Abstract

Transitory amnesia, usually characterised as occurring brutally and being reversible, is currently considered as a dissociative disorder in the new international psychiatric classifications when no medical or neurological diseases have been identified. The dissociation is supposed to be linked to a sudden and transitory alteration of the integrative, consciousness, identity and motor functions. It is therefore essential to eliminate organic factors before searching for a psychogenic origin. The authors of the article are proposing an etiopathogenic and multidisciplinary approach of transitory amnesia based on a clinical case: after wandering for four days by train, Mr F., becoming anxious, consulted the A&E of the hospital at his partner's request.
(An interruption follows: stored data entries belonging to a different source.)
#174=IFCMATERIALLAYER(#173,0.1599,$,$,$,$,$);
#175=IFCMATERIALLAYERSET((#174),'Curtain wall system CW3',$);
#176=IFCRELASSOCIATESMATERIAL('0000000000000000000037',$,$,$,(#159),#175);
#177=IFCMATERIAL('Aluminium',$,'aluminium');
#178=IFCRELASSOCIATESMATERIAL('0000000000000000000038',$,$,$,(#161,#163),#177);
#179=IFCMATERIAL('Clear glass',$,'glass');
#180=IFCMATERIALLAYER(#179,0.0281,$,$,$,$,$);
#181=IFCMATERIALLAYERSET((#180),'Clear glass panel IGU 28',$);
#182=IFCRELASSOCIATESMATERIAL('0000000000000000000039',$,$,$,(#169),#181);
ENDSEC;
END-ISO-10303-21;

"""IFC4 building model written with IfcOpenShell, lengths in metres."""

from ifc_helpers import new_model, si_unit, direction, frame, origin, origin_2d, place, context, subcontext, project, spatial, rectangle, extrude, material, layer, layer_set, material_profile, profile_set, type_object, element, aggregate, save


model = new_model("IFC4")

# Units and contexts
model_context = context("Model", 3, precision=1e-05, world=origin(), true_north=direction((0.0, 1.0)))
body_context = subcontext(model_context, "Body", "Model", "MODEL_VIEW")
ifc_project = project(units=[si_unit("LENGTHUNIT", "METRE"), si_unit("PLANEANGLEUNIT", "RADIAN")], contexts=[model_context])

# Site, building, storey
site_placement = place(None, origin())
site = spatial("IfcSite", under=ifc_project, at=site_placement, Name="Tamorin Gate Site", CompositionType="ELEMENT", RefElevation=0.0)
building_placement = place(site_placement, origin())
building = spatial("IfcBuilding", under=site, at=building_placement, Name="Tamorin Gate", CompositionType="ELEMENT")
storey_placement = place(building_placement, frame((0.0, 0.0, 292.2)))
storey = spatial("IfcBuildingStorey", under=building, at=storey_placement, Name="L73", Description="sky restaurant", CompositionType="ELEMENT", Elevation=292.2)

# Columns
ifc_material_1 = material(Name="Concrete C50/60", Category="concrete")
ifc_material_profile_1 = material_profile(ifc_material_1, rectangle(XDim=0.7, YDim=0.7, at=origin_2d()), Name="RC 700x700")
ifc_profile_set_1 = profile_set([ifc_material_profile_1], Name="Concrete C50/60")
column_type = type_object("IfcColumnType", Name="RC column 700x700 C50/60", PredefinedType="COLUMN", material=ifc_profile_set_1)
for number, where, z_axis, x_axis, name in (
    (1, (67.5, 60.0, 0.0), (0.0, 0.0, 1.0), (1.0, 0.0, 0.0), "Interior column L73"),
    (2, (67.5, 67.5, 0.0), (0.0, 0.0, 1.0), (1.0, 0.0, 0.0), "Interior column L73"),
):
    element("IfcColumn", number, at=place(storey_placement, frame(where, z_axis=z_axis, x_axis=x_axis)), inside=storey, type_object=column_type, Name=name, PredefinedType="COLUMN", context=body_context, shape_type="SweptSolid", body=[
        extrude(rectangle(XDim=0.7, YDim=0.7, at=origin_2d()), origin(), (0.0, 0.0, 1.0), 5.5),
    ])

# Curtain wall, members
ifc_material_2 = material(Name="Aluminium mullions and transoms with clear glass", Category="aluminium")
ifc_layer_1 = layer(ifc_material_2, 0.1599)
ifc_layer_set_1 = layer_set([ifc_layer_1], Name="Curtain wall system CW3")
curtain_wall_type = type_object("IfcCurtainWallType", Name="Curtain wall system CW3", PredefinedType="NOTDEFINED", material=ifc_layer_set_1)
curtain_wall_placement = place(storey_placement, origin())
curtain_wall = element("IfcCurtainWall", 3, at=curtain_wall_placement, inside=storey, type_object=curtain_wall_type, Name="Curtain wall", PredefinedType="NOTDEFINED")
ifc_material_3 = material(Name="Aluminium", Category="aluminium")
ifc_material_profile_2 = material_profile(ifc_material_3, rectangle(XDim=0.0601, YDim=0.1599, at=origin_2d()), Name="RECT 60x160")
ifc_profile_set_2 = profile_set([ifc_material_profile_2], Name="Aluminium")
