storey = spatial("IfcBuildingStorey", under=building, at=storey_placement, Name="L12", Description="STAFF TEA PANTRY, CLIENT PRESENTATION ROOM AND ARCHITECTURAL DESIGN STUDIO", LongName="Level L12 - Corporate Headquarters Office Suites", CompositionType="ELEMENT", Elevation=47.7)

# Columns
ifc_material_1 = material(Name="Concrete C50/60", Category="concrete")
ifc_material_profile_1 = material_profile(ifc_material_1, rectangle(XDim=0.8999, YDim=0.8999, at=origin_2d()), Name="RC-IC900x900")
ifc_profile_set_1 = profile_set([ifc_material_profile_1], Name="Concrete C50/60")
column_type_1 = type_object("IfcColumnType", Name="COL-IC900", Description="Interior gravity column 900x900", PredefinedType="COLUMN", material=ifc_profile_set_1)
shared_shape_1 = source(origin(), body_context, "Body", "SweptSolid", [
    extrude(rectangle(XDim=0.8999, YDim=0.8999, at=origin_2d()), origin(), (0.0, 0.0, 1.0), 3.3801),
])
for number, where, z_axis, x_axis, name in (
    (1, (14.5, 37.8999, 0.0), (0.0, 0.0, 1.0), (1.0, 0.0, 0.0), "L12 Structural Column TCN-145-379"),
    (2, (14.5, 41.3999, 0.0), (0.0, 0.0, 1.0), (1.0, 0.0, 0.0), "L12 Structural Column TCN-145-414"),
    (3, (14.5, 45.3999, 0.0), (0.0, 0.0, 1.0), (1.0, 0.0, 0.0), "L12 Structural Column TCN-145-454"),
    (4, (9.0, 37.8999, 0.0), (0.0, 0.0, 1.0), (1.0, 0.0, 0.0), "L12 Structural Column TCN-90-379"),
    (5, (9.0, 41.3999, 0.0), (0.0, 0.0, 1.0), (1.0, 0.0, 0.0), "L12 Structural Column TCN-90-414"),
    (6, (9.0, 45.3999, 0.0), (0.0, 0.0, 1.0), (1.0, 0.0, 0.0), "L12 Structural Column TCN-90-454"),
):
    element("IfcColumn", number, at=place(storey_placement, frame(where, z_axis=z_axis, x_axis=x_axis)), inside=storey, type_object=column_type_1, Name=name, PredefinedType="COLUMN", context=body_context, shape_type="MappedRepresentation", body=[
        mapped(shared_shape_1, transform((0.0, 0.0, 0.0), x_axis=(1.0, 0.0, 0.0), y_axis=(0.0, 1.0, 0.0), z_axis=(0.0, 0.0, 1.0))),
The semiological characteristics of this incident, the depressive antecedents of the patient and the absence of neurological anomaly led us to give him psychiatric care. Dissociative amnesia is usually linked to a particular event or to a psychical traumatism. Beyond this phenomenological approach and in a psychodynamic perspective, it corresponds to forgetting a specific fact and can be considered as an unconscious outward sign, that is to say a defence of the psychical economy of the patient. As far as psychiatric nosography and hysteria are concerned, the psychiatrist will have to confront the enigmatic character of the symptoms. As no standardised therapeutic consensus exists, a psychodynamic approach is useful.